Mean RMSE (+/- standard deviation), for parameters
146.710 (+/- 55.127) for {'epochs': 5, 'kernel': 'relu', 'learning_rate': 0.0001, 'no_neurons': 5, 'verbose': 0}
147.321 (+/- 55.991) for {'epochs': 5, 'kernel': 'relu', 'learning_rate': 0.0001, 'no_neurons': 20, 'verbose': 0}
142.932 (+/- 54.369) for {'epochs': 5, 'kernel': 'relu', 'learning_rate': 0.01, 'no_neurons': 5, 'verbose': 0}
142.932 (+/- 54.369) for {'epochs': 5, 'kernel': 'relu', 'learning_rate': 0.01, 'no_neurons': 20, 'verbose': 0}
146.197 (+/- 54.962) for {'epochs': 5, 'kernel': 'linear', 'learning_rate': 0.0001, 'no_neurons': 5, 'verbose': 0}
146.250 (+/- 56.566) for {'epochs': 5, 'kernel': 'linear', 'learning_rate': 0.0001, 'no_neurons': 20, 'verbose': 0}
142.960 (+/- 54.367) for {'epochs': 5, 'kernel': 'linear', 'learning_rate': 0.01, 'no_neurons': 5, 'verbose': 0}
142.932 (+/- 54.369) for {'epochs': 5, 'kernel': 'linear', 'learning_rate': 0.01, 'no_neurons': 20, 'verbose': 0}
145.902 (+/- 54.501) for {'epochs': 10, '

Scroll all the way down and you'll see the error rate that is achieved with different combinations of number of epochs/kernel/learning rate/number of neurons.

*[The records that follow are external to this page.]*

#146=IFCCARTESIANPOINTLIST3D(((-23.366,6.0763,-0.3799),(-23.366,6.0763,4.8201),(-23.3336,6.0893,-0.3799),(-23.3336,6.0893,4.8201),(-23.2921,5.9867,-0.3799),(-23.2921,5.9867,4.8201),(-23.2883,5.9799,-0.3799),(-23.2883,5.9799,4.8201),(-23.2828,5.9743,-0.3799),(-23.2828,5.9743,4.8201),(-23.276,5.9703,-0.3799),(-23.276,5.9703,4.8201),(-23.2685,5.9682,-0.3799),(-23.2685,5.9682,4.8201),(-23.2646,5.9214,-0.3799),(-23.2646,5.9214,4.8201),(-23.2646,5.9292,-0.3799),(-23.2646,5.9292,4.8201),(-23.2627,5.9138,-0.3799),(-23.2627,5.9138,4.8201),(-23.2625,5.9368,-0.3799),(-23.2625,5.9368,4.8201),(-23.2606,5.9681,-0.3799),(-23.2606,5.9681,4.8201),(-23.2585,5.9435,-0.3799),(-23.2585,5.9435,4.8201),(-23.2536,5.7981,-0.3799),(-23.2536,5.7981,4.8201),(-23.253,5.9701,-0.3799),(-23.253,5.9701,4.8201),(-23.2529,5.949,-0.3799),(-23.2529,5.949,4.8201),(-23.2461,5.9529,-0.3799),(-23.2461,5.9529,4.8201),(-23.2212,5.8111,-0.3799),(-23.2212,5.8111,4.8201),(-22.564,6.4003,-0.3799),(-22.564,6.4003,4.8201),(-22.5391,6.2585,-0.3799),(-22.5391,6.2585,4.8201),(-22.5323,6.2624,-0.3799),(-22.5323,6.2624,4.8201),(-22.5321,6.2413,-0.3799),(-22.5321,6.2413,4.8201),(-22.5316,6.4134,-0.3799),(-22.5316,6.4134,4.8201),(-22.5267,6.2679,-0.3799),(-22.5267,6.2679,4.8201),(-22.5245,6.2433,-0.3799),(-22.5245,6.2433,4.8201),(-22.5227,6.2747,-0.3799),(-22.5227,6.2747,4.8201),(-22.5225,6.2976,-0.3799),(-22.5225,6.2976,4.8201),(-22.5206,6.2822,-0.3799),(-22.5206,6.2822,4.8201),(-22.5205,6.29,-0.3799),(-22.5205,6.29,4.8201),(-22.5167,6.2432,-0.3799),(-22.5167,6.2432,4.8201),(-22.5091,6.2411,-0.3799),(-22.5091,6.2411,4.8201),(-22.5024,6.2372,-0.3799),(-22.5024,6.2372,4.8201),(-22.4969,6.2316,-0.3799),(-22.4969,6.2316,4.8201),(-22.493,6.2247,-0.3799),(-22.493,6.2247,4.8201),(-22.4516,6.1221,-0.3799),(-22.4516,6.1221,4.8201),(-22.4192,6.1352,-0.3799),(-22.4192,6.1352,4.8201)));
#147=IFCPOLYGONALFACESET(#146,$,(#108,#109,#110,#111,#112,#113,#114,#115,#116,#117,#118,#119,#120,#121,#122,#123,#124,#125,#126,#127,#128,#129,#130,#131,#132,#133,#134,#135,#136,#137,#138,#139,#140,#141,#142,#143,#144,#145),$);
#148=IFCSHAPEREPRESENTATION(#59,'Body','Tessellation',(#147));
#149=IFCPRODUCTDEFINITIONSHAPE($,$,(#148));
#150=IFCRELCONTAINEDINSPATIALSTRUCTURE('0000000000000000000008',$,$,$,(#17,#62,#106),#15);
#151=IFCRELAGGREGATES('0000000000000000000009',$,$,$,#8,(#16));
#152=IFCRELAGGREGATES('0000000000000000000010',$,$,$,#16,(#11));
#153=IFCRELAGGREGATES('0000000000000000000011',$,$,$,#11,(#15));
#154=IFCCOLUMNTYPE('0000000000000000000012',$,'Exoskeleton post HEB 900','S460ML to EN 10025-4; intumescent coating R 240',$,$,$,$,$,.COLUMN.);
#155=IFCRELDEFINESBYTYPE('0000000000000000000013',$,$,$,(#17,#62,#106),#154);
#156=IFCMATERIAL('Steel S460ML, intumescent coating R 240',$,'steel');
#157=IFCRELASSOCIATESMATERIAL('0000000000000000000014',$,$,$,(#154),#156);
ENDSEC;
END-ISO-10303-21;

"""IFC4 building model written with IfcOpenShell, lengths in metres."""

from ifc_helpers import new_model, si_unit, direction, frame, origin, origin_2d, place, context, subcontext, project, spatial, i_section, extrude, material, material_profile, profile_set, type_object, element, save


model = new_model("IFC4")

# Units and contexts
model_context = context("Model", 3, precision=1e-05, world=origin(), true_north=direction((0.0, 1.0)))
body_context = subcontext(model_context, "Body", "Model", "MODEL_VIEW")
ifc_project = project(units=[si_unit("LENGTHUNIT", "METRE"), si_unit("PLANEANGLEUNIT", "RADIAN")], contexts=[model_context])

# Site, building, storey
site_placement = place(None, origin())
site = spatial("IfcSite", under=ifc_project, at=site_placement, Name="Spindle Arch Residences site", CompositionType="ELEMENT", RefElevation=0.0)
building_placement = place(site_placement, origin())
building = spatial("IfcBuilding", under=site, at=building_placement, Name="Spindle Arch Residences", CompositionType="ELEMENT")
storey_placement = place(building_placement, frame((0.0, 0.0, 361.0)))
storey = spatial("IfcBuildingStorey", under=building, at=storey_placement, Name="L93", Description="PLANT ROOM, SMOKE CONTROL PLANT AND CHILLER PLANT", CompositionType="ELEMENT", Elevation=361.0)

It seems there is very little difference in terms of RMSE. We cannot say which hyperparameters are working better than others. Perhaps we should do a wider search, but this takes even more time. Later on, we will see how different results can be given the hyperparameters.
A good hyperparameter search can result in very different networks more or less suitable for the data at hand.